Single by Ted Gärdestad

from the album Undringar
- A-side: "Jag vill ha en egen måne"
- B-side: "När du kommer"
- Released: April 1972
- Genre: Vispop, soft rock, folk rock
- Label: Polar
- Songwriters: Ted Gärdestad Kenneth Gärdestad

Ted Gärdestad singles chronology
|  | "Jag vill ha en egen måne" (1972) | "Jag ska fånga en ängel" (1973) |

= Jag vill ha en egen måne =

"Jag vill ha en egen måne" (English: I want my own moon) is a song written by Swedish lyricist Kenneth Gärdestad and singer-songwriter Ted Gärdestad.

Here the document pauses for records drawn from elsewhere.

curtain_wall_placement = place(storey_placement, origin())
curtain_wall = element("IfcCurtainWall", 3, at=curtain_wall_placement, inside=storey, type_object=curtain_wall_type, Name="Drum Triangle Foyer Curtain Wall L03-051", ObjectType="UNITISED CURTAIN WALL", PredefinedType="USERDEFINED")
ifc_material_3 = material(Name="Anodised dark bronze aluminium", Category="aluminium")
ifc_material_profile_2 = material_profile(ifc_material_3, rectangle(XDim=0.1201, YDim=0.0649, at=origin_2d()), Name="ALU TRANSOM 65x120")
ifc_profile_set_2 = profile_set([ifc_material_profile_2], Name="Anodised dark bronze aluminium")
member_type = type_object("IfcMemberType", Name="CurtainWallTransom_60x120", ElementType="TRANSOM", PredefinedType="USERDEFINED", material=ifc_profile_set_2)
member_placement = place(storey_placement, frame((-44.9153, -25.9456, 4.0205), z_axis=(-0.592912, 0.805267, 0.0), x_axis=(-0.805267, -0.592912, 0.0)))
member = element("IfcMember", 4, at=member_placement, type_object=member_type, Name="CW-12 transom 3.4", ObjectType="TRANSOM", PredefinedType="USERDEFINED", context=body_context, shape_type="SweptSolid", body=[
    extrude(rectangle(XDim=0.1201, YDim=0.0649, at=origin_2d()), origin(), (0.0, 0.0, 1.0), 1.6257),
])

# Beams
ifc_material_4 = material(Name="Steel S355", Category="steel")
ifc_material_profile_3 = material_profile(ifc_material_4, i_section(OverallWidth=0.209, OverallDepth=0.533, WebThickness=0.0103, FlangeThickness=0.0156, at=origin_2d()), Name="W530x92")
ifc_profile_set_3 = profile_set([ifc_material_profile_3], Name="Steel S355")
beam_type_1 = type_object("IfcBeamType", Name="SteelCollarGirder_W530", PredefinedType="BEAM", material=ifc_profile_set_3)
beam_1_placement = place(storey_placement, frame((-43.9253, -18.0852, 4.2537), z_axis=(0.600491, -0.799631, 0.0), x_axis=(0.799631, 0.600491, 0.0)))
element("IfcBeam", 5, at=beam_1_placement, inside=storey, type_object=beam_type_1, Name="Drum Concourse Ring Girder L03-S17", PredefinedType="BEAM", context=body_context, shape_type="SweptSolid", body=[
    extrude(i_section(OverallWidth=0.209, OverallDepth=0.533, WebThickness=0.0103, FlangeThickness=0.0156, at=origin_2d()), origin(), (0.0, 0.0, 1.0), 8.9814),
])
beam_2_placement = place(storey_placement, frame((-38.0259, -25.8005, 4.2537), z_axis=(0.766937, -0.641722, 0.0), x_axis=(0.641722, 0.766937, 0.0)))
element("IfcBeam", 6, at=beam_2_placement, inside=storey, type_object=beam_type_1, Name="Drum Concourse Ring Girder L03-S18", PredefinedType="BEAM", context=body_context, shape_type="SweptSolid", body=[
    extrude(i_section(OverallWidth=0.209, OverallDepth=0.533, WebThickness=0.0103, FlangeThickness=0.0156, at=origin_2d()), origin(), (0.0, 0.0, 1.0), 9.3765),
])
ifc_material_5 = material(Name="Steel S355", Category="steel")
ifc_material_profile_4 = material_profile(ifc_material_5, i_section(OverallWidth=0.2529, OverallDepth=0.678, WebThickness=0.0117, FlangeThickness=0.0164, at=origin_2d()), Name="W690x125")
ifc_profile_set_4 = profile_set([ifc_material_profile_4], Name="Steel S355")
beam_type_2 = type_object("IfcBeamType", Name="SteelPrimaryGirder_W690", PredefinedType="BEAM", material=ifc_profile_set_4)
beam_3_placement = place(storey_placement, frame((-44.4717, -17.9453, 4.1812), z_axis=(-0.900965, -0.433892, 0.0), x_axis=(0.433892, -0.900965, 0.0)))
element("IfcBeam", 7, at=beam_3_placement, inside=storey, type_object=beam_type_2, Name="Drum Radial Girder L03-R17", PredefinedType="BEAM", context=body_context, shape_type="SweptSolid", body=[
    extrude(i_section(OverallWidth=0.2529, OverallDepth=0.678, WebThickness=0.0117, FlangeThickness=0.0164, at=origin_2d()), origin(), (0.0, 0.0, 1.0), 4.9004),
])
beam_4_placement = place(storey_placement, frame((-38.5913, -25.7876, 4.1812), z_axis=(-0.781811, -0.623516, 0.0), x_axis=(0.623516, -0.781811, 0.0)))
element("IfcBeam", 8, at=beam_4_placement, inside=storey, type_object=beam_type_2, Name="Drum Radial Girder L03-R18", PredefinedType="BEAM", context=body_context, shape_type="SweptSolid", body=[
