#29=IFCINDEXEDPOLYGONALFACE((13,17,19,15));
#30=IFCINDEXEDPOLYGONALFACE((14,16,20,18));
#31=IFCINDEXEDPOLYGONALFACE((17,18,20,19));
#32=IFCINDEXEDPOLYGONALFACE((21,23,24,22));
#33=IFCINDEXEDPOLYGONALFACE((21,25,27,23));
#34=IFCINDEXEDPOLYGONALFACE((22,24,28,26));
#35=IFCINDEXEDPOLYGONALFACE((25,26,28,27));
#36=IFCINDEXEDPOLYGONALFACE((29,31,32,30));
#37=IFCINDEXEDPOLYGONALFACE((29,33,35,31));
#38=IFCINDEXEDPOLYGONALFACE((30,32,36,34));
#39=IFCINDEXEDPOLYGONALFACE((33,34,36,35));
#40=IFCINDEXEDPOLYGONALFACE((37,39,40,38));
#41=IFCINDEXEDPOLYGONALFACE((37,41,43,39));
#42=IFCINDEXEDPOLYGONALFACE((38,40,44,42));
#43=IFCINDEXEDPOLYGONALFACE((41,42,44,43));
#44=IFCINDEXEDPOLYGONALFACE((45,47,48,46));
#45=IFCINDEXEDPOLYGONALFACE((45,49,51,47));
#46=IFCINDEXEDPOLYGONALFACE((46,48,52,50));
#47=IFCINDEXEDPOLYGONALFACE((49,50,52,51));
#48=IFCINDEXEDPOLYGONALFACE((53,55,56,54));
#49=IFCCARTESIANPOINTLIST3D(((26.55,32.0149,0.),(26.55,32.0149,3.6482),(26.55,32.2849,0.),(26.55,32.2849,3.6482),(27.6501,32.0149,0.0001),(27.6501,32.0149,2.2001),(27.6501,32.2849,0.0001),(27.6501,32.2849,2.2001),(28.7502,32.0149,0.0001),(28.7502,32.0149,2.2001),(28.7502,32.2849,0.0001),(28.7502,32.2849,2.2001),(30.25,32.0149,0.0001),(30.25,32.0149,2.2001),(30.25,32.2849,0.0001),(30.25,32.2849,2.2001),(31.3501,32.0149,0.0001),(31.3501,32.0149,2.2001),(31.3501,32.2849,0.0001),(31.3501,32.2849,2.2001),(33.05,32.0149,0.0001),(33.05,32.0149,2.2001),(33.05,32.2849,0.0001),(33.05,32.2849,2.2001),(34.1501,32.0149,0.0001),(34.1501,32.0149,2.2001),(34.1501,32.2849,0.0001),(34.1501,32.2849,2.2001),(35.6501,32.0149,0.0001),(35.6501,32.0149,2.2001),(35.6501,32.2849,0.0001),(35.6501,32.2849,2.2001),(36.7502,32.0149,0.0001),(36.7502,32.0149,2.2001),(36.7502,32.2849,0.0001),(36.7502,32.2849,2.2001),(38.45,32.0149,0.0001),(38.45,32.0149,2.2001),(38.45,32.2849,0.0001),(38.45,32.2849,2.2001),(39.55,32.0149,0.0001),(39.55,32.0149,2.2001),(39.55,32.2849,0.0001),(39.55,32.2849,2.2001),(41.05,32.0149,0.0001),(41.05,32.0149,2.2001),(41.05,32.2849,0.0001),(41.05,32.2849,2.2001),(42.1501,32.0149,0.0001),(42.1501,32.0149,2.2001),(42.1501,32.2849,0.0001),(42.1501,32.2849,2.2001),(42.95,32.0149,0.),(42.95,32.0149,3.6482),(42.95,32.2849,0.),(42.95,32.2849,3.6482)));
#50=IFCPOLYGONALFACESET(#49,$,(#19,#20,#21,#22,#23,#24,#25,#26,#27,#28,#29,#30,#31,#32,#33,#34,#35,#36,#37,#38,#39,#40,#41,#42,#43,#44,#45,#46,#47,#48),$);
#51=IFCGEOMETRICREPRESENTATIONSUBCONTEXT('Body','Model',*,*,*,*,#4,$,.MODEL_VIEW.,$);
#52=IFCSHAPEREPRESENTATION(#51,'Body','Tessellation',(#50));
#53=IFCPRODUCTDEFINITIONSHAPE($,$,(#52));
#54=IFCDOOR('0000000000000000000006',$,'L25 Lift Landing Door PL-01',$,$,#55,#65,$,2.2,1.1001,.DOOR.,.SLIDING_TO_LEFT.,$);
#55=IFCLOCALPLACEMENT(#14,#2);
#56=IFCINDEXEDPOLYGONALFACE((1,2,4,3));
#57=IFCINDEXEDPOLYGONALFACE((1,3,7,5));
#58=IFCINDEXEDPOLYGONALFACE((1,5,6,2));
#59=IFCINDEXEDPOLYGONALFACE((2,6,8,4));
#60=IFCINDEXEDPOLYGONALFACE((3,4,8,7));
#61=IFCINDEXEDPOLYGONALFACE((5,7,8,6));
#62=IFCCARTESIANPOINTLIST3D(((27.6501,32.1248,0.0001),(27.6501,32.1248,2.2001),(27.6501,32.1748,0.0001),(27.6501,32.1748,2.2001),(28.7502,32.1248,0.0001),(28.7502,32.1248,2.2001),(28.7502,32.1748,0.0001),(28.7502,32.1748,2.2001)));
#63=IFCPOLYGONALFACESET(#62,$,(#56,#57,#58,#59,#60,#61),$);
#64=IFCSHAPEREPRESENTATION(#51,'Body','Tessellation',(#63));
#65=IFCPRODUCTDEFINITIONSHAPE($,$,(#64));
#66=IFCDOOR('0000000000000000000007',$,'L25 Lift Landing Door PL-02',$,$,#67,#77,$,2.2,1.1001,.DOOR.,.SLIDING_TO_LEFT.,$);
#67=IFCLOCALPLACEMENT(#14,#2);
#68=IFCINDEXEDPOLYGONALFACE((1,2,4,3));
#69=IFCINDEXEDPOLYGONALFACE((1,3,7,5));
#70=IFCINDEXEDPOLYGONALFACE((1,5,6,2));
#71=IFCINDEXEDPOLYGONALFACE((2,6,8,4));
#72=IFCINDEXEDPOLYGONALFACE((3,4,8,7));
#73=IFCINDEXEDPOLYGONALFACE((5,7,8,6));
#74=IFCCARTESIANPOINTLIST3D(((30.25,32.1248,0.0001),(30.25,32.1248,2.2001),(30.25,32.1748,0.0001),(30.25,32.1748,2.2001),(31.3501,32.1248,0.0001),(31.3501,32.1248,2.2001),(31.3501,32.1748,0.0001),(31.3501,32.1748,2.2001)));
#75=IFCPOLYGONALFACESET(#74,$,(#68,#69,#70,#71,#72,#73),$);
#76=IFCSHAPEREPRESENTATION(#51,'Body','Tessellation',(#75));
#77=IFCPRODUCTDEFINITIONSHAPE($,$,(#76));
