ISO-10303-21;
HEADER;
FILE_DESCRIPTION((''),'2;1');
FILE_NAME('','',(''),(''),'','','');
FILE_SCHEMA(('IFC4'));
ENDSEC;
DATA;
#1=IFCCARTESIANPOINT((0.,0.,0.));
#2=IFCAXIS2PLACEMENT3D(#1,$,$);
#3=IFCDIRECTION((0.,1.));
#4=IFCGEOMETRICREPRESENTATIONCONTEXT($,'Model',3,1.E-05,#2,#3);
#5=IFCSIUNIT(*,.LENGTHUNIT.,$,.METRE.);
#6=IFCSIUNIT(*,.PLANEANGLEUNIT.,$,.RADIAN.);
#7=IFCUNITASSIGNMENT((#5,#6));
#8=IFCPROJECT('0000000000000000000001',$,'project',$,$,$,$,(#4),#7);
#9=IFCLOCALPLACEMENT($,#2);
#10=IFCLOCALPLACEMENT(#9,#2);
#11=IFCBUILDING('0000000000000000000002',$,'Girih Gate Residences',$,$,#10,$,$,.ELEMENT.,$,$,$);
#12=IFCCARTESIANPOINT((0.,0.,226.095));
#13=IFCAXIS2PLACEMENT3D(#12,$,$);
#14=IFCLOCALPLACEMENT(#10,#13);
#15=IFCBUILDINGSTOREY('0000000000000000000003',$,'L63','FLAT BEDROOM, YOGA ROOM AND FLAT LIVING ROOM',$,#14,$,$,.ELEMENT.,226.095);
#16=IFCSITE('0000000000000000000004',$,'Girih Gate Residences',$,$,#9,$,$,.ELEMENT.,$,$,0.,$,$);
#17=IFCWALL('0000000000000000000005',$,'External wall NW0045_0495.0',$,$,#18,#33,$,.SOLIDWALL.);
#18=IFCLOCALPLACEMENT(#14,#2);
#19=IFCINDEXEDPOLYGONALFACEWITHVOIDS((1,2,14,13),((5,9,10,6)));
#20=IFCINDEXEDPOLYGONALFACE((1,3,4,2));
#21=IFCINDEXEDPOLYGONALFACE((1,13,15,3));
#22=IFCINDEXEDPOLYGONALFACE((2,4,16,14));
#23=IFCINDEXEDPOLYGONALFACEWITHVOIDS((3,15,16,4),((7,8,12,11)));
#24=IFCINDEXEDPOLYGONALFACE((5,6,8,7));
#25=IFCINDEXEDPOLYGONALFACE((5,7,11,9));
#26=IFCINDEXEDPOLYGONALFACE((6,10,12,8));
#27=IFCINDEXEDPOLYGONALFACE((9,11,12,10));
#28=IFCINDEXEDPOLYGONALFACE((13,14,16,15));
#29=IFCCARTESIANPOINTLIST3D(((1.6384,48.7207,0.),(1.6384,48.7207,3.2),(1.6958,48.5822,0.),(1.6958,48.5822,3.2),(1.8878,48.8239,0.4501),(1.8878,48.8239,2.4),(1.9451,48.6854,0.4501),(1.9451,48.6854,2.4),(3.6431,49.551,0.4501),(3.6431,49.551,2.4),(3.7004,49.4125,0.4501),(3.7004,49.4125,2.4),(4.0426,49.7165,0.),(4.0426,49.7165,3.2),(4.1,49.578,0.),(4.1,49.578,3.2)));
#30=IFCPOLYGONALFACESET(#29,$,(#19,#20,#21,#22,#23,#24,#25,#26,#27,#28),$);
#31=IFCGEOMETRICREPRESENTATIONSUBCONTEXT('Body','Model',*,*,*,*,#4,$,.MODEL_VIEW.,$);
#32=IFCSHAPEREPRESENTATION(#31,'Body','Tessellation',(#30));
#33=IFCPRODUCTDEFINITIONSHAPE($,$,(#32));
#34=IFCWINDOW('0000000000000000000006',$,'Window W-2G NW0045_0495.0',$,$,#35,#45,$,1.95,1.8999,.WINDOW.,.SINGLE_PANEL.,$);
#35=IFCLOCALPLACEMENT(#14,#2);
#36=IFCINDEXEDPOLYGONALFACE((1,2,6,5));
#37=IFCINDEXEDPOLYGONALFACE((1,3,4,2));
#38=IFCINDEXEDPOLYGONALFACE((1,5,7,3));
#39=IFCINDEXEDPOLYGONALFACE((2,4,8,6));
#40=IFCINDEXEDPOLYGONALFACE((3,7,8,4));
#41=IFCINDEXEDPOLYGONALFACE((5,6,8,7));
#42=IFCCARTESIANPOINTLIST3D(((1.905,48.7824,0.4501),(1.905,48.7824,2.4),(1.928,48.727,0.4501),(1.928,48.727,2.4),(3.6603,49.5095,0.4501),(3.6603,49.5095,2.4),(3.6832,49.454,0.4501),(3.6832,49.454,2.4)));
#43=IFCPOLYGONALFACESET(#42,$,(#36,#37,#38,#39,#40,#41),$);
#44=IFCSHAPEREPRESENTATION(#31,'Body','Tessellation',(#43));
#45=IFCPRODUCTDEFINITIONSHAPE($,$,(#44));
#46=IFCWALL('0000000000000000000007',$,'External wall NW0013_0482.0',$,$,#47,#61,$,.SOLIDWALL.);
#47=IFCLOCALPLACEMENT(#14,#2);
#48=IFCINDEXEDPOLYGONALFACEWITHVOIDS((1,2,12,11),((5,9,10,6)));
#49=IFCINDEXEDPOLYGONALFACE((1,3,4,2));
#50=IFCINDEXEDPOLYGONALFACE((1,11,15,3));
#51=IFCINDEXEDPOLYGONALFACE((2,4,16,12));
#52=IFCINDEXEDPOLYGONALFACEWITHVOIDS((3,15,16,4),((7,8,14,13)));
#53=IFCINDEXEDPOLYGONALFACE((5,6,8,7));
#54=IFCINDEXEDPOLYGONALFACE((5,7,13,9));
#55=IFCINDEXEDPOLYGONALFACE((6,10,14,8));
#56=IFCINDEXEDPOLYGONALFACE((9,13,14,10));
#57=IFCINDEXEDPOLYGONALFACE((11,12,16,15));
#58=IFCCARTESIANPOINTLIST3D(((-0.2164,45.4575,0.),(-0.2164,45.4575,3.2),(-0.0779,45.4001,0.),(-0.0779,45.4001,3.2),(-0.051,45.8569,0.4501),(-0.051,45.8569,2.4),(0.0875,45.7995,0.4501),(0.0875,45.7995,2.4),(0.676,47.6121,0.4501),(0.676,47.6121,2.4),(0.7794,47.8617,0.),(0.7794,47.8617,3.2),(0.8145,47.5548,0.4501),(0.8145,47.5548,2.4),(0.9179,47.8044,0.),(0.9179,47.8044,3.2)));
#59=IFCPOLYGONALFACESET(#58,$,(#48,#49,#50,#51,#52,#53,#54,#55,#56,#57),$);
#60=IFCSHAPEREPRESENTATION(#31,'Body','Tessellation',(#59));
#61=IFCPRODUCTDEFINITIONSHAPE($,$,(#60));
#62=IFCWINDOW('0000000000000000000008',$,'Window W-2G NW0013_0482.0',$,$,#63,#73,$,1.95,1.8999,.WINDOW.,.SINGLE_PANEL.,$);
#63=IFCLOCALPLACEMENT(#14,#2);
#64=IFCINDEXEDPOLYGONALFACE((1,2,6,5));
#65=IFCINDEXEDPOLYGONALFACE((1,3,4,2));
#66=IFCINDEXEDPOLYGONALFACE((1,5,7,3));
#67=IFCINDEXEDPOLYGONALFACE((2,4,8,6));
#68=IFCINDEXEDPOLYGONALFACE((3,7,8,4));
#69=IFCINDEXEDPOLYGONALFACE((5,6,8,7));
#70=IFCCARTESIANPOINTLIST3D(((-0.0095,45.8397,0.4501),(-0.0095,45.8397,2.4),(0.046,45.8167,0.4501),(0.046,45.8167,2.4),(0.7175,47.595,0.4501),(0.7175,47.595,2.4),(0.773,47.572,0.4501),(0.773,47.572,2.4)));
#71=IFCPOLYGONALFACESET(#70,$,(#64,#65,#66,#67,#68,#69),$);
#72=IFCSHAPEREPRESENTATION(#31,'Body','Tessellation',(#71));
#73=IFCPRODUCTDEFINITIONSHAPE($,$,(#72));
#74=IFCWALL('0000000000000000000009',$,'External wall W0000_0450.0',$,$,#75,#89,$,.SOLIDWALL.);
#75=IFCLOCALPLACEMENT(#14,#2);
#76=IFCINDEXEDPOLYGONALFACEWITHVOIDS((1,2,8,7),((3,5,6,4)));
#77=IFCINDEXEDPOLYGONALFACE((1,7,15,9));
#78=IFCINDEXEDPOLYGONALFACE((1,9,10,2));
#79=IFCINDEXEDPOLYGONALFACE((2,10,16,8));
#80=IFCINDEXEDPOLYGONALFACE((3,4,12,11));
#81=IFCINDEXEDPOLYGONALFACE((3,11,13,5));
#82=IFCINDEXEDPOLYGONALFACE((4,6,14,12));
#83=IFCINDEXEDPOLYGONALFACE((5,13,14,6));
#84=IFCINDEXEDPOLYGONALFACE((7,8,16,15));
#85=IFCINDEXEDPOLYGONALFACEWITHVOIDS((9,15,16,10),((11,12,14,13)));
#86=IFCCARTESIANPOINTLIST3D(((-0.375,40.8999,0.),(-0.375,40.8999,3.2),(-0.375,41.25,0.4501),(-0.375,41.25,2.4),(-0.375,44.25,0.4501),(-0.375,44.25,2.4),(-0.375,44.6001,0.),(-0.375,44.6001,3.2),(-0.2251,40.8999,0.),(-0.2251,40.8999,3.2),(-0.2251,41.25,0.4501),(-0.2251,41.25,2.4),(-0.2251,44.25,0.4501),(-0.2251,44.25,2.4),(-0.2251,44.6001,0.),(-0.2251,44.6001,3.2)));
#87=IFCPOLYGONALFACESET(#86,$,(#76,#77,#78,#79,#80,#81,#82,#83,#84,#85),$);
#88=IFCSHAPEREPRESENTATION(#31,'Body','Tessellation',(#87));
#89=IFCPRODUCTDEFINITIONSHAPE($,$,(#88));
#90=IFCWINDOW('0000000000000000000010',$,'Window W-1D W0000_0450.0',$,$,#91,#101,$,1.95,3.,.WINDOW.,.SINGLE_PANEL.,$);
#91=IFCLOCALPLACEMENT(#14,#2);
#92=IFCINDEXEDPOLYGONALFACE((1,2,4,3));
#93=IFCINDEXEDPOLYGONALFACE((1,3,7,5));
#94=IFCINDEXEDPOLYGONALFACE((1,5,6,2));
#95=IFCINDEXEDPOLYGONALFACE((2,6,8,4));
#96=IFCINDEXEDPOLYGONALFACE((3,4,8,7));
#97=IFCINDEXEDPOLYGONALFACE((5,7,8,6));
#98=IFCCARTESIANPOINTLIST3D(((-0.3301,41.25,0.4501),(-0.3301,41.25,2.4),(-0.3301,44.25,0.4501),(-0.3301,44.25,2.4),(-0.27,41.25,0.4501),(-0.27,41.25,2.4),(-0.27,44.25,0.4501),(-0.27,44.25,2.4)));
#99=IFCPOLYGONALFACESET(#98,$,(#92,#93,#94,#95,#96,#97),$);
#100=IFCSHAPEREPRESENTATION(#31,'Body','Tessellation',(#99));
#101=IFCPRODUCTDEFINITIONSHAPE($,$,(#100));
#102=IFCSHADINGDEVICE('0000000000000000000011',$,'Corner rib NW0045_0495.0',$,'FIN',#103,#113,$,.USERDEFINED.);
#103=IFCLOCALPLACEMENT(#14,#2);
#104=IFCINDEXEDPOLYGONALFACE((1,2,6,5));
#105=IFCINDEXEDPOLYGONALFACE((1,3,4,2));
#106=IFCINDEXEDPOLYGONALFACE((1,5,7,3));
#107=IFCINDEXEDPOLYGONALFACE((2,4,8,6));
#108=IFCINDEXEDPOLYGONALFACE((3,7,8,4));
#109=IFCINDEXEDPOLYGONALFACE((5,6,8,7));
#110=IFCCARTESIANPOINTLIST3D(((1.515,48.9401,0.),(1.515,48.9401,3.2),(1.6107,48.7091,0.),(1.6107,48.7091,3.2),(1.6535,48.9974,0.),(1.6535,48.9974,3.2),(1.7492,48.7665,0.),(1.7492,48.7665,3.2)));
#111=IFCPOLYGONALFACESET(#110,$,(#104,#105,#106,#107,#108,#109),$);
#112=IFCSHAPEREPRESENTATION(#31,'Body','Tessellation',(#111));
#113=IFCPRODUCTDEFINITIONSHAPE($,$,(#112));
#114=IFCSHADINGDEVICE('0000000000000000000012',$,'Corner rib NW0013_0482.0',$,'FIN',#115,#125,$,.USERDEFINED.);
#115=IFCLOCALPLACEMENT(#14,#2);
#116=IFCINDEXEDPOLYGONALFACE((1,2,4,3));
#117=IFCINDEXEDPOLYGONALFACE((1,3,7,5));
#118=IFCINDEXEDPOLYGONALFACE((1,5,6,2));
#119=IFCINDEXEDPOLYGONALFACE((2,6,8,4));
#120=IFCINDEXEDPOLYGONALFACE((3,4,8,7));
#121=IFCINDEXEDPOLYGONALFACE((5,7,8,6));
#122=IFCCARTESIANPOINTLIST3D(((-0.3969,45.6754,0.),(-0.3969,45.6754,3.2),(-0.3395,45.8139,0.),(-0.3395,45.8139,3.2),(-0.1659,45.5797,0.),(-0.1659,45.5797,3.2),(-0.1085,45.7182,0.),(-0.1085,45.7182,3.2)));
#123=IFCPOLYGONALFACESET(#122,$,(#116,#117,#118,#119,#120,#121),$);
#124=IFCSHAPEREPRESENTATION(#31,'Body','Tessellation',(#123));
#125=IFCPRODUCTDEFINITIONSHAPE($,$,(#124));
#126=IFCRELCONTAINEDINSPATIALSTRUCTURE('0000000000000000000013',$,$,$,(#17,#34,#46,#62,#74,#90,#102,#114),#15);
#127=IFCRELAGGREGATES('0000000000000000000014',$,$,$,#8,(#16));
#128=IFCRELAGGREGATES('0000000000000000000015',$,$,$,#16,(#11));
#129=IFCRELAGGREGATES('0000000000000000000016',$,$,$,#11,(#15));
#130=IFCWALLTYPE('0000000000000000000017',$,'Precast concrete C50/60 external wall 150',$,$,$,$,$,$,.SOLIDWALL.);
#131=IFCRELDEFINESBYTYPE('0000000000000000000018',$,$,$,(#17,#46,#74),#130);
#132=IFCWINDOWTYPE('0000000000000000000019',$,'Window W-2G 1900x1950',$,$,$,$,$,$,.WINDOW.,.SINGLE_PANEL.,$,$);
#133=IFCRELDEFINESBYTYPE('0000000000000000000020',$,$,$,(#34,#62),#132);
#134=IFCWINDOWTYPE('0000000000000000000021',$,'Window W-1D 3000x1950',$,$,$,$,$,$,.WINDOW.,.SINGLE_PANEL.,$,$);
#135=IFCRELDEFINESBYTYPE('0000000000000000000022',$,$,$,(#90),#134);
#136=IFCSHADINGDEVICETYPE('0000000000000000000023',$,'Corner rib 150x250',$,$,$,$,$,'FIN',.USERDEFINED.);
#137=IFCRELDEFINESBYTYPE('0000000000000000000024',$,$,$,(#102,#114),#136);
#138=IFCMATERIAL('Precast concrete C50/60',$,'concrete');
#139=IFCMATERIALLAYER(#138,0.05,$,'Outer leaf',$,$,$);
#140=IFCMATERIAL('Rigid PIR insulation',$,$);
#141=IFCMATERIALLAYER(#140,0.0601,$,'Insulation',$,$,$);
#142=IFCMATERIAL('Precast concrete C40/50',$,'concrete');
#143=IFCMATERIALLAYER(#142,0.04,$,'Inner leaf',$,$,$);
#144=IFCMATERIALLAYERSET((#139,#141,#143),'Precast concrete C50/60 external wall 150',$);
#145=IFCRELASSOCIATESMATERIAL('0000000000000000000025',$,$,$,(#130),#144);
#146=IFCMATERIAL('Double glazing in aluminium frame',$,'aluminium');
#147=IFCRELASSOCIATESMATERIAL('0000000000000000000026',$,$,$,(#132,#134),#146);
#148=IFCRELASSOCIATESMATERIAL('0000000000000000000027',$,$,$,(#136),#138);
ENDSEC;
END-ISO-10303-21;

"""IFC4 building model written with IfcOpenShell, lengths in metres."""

from ifc_helpers import new_model, si_unit, direction, frame, frame_2d, origin, origin_2d, place, context, subcontext, project, spatial, rectangle, extrude, material, layer, layer_set, type_object, element, fill, save


model = new_model("IFC4")

# Units and contexts
model_context = context("Model", 3, precision=1e-05, world=origin(), true_north=direction((0.0, 1.0)))
body_context = subcontext(model_context, "Body", "Model", "MODEL_VIEW")
ifc_project = project(units=[si_unit("LENGTHUNIT", "METRE"), si_unit("PLANEANGLEUNIT", "RADIAN")], contexts=[model_context])

# Site, building, storey
site_placement = place(None, origin())
site = spatial("IfcSite", under=ifc_project, at=site_placement, Name="Girih Gate Residences", CompositionType="ELEMENT", RefElevation=0.0)
building_placement = place(site_placement, origin())
building = spatial("IfcBuilding", under=site, at=building_placement, Name="Girih Gate Residences", CompositionType="ELEMENT")
storey_placement = place(building_placement, frame((0.0, 0.0, 226.095)))
storey = spatial("IfcBuildingStorey", under=building, at=storey_placement, Name="L63", Description="FLAT BEDROOM, YOGA ROOM AND FLAT LIVING ROOM", CompositionType="ELEMENT", Elevation=226.095)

Ted Gärdestad recorded the song, and released it as a single (Polar POS 1155) in April 1972. The song became his breakthrough, charting at Svensktoppen, where it stayed for 14 weeks between 11 June and 10 September 1972, topping the charts. All ABBA members appeared in the studio during the recording; Anni-Frid Lyngstad and Agneta Fältskog appear as background singers.

The song has also been recorded by Thorleifs on the 1978 album Kurragömma and Wahlströms låten on 2010 album Vårt älskade 80-tal.

A rock-version was performed by the Gamblers at Dansbandskampen 2009.